The new House subcommittee chairman on military personnel called on the Pentagon Wednesday to cut waste and cost overruns on weapons systems before looking for savings by trimming pay and benefits for the troops.
Rep. Joe Heck, R-Nevada, acknowledged that the Defense Department has a difficult task in managing budgets under the Congressionally-mandated sequester process, but "before you start making significant changes in compensation, you'd better figure out where every penny can be saved in procurement and acquisitions."
Heck said his goal was to make sure that the government does not "break faith" with the promises made to currently serving troops on pay and benefits to protect the budget line for "weapons systems that sometimes never come off the assembly line. That doesn't mean we can't change pay and benefits in the future."
In a phone interview, Heck was also critical of Pentagon leaders for pushing reforms on quality of life issues ranging from housing allowances to commissaries ahead of the recommendations of the Military Compensation and Retirement Modernization Commission, which was authorized by Congress in 2013.
Heck said that his top priority as new chairman of the House Armed Services Subcommittee on Personnel was to review the Commission's final report and recommendations, which were expected on Feb. 1.
"That's the No. 1 area for the subcommittee," Heck said. "We want to take a hard look at the report and see what, if anything, should be adopted."
The stance of Heck, a brigadier general in the Army Reserves and one of 25 Iraq and Afghanistan veterans in the new Congress, foreshadowed another battle with the Defense Department and the Obama administration on military compensation in the House and Senate.
The compensation issue was also expected to figure in the upcoming Senate Armed Services Committee confirmation hearings in early February for Ashton Carter, President Obama's nominee to replace Chuck Hagel as defense secretary.

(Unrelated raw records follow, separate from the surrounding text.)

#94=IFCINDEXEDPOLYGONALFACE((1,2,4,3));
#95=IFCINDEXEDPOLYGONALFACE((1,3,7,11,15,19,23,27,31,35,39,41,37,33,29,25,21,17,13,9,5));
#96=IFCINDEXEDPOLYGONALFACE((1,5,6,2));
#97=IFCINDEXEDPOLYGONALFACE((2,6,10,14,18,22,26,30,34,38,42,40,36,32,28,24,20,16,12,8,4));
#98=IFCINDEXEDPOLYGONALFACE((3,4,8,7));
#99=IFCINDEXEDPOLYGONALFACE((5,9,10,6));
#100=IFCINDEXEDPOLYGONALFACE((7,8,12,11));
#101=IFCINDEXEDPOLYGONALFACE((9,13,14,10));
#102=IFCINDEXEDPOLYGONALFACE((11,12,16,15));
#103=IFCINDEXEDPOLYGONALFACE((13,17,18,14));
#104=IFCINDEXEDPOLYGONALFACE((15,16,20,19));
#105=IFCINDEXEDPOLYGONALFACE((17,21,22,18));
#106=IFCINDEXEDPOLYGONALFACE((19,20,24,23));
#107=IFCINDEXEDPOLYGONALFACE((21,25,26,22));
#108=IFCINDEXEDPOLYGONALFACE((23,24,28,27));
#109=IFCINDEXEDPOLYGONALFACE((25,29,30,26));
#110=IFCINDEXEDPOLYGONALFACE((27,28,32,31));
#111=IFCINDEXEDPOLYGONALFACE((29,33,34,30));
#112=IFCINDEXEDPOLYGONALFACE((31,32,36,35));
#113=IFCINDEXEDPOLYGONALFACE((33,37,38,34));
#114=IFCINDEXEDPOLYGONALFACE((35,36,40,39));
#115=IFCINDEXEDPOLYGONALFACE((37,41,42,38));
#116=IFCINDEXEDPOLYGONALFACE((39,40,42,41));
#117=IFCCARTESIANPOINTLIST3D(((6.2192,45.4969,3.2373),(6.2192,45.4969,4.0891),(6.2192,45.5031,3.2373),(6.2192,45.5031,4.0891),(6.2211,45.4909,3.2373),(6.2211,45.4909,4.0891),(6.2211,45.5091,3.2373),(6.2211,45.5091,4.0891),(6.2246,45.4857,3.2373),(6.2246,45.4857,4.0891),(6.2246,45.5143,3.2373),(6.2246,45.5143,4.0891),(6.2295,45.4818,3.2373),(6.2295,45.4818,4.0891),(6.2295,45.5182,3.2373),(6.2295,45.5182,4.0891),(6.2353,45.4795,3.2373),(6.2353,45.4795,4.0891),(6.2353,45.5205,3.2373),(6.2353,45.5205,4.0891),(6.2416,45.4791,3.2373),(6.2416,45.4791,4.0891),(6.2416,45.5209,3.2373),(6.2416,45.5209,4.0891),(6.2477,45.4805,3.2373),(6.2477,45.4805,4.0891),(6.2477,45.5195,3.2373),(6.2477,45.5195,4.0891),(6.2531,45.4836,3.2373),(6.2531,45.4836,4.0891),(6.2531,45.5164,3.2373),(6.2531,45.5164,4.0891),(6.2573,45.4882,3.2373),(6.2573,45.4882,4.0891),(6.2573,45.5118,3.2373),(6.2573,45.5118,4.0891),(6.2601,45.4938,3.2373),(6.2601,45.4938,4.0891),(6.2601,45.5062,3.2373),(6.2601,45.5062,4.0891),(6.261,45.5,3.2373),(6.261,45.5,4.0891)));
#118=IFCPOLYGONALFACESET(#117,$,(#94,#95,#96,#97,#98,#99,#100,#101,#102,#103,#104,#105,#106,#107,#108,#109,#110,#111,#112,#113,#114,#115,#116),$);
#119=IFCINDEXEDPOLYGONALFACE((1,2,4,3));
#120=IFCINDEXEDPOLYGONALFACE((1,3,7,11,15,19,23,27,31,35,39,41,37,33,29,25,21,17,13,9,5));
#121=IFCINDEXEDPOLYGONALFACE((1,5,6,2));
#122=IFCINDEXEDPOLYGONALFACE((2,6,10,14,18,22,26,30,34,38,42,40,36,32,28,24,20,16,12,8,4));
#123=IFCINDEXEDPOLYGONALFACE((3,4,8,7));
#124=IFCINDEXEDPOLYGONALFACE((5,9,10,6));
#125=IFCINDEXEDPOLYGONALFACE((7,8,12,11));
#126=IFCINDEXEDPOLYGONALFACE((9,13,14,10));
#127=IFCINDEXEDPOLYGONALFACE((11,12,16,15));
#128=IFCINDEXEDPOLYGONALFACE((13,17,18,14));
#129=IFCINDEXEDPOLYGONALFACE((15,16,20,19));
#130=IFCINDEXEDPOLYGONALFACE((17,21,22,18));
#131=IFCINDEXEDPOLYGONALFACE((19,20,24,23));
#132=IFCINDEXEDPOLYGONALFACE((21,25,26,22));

The current National Defense Authorization Act (NDAA) limited military pay raises to one percent in 2015, as opposed to the 1.8 percent adopted by the House.

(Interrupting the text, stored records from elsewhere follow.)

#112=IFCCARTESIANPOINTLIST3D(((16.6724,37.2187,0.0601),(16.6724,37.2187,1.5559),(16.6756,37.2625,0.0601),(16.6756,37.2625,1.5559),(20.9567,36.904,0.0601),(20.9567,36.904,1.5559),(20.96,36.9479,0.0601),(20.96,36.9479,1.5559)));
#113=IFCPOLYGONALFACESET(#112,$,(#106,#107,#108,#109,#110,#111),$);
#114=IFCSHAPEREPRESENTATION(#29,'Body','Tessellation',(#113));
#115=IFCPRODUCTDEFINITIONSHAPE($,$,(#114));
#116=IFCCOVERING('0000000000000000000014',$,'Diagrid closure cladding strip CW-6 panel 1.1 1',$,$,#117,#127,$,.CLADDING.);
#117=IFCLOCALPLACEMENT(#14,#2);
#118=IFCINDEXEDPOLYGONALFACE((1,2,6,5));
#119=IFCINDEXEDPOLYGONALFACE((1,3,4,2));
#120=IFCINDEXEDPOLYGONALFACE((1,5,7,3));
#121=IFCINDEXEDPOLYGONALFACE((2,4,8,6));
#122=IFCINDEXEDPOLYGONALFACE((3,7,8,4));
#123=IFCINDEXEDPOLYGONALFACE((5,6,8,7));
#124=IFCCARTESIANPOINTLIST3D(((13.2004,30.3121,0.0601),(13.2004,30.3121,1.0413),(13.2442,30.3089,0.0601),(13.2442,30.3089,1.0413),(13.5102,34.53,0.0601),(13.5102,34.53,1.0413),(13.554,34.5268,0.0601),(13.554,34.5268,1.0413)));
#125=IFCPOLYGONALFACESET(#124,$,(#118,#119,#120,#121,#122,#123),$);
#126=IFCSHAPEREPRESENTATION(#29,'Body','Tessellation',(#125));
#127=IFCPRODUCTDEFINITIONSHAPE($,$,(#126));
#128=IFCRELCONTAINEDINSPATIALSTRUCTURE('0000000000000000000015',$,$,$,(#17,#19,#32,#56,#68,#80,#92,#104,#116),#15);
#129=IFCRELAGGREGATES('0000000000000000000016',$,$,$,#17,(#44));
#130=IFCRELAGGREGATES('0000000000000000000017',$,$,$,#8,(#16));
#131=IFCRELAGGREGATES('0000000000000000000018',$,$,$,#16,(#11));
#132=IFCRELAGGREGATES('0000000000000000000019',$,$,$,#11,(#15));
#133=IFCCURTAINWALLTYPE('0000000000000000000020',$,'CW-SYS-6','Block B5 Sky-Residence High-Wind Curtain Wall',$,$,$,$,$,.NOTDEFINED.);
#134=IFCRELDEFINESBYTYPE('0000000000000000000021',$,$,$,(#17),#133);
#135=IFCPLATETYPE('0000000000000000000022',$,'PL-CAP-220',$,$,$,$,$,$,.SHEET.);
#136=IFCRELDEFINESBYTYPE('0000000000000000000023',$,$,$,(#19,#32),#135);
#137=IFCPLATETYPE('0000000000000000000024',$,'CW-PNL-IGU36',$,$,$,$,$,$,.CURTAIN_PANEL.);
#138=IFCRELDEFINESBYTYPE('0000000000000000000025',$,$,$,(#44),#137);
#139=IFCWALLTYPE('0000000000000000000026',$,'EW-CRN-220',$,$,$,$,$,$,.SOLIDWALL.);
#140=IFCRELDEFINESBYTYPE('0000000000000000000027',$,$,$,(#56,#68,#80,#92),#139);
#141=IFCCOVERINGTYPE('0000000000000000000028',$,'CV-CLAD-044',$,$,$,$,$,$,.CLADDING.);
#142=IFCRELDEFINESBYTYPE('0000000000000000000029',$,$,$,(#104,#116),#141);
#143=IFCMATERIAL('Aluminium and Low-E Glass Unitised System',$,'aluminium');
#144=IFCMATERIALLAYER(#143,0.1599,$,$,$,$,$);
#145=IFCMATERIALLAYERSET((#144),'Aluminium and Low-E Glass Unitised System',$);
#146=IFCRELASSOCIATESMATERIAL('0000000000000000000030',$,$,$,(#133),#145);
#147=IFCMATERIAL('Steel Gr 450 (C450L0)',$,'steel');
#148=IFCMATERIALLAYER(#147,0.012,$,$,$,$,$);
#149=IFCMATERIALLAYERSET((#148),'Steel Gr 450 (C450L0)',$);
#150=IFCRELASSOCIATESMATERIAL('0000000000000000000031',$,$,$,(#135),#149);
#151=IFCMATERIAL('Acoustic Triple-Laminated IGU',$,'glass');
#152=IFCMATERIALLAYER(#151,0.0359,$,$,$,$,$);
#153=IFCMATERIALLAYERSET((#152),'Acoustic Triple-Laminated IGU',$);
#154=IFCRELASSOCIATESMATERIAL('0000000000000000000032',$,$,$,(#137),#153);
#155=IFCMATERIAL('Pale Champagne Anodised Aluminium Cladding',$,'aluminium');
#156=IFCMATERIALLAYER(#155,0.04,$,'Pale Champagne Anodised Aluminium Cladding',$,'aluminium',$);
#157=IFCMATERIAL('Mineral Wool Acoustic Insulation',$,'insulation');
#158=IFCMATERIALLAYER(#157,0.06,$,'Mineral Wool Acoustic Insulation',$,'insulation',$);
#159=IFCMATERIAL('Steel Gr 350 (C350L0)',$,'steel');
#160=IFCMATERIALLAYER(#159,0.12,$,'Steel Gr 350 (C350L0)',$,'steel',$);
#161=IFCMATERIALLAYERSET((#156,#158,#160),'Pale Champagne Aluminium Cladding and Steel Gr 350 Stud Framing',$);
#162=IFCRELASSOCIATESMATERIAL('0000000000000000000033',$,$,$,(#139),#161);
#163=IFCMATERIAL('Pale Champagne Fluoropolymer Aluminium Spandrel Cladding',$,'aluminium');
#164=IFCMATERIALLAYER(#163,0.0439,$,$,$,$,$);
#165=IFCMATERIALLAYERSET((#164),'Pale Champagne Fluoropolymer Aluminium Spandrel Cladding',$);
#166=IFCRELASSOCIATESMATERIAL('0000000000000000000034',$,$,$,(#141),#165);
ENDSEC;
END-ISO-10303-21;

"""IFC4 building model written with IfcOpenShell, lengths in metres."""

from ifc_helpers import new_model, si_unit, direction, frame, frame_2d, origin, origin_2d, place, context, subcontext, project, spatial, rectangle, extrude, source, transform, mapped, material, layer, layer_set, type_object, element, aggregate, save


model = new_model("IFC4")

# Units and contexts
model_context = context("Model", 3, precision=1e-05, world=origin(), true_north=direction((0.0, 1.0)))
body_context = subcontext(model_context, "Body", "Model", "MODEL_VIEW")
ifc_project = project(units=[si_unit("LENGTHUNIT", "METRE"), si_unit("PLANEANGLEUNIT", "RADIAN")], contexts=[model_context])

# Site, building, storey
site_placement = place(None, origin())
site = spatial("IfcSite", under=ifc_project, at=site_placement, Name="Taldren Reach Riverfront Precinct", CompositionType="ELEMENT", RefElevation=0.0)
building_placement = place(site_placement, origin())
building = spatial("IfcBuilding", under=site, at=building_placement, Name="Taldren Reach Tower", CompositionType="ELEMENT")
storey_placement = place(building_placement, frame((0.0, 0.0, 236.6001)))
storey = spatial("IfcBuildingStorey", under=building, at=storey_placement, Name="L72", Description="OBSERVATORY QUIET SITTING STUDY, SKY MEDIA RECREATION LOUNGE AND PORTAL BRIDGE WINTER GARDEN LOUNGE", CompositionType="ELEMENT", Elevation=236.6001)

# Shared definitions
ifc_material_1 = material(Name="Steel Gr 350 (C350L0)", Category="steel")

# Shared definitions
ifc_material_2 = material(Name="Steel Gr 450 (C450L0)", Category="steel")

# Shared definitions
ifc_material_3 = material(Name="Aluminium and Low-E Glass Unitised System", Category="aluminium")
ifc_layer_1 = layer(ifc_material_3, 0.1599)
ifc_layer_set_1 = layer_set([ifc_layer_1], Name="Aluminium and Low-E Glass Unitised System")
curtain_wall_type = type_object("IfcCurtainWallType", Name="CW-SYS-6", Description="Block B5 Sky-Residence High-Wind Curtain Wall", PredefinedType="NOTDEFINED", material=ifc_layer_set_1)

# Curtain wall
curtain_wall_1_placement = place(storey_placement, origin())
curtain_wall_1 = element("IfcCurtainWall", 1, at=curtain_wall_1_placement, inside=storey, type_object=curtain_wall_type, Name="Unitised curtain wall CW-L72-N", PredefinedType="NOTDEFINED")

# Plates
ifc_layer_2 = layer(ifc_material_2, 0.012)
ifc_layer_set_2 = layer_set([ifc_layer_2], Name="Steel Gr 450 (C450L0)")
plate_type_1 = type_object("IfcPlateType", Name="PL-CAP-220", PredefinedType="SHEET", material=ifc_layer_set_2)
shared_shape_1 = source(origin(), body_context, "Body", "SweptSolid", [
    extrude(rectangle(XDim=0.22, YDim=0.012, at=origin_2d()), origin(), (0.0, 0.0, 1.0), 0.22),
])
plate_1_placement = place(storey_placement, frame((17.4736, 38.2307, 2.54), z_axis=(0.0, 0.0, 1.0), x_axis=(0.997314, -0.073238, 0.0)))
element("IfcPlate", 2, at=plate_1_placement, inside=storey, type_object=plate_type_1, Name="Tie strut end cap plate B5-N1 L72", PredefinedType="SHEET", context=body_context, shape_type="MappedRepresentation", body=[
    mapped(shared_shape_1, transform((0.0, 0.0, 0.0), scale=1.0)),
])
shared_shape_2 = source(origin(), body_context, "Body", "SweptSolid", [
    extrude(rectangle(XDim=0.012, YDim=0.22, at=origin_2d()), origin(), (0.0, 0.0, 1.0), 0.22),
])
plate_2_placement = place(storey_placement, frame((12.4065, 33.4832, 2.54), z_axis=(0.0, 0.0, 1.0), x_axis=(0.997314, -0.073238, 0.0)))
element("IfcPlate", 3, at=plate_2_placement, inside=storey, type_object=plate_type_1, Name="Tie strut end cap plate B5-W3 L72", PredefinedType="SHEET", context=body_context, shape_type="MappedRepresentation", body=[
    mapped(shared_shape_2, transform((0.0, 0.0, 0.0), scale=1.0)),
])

The NDAA also scaled back the Basic Allowance for Housing by one percent, meaning that the monthly BAH checks for 2015 will be calculated to cover 99 percent of the estimated cost of local housing. The Pentagon had pushed for a BAH cut of five percent.
For years, the Pentagon has said that personnel costs are growing too fast and taking up too large a percentage of the military's overall budget.
Deputy Defense Secretary Robert Work said last fall that the Pentagon would push again this year for reforms in pay, benefits, housing, retirement, commissaries and Tricare. Without the reforms, the U.S. military would be left with a $90 billion shortfall in its budget, Work said.
"This whole idea of compensation is absolutely critical. Compensation (reform) is a really big deal" in DoD's efforts to maintain readiness, combat the Islamic State of Iraq and Syria (ISIS), and shift forces to the Pacific while working under the budgetary restrictions of the sequester process, Work told the Council on Foreign Relations.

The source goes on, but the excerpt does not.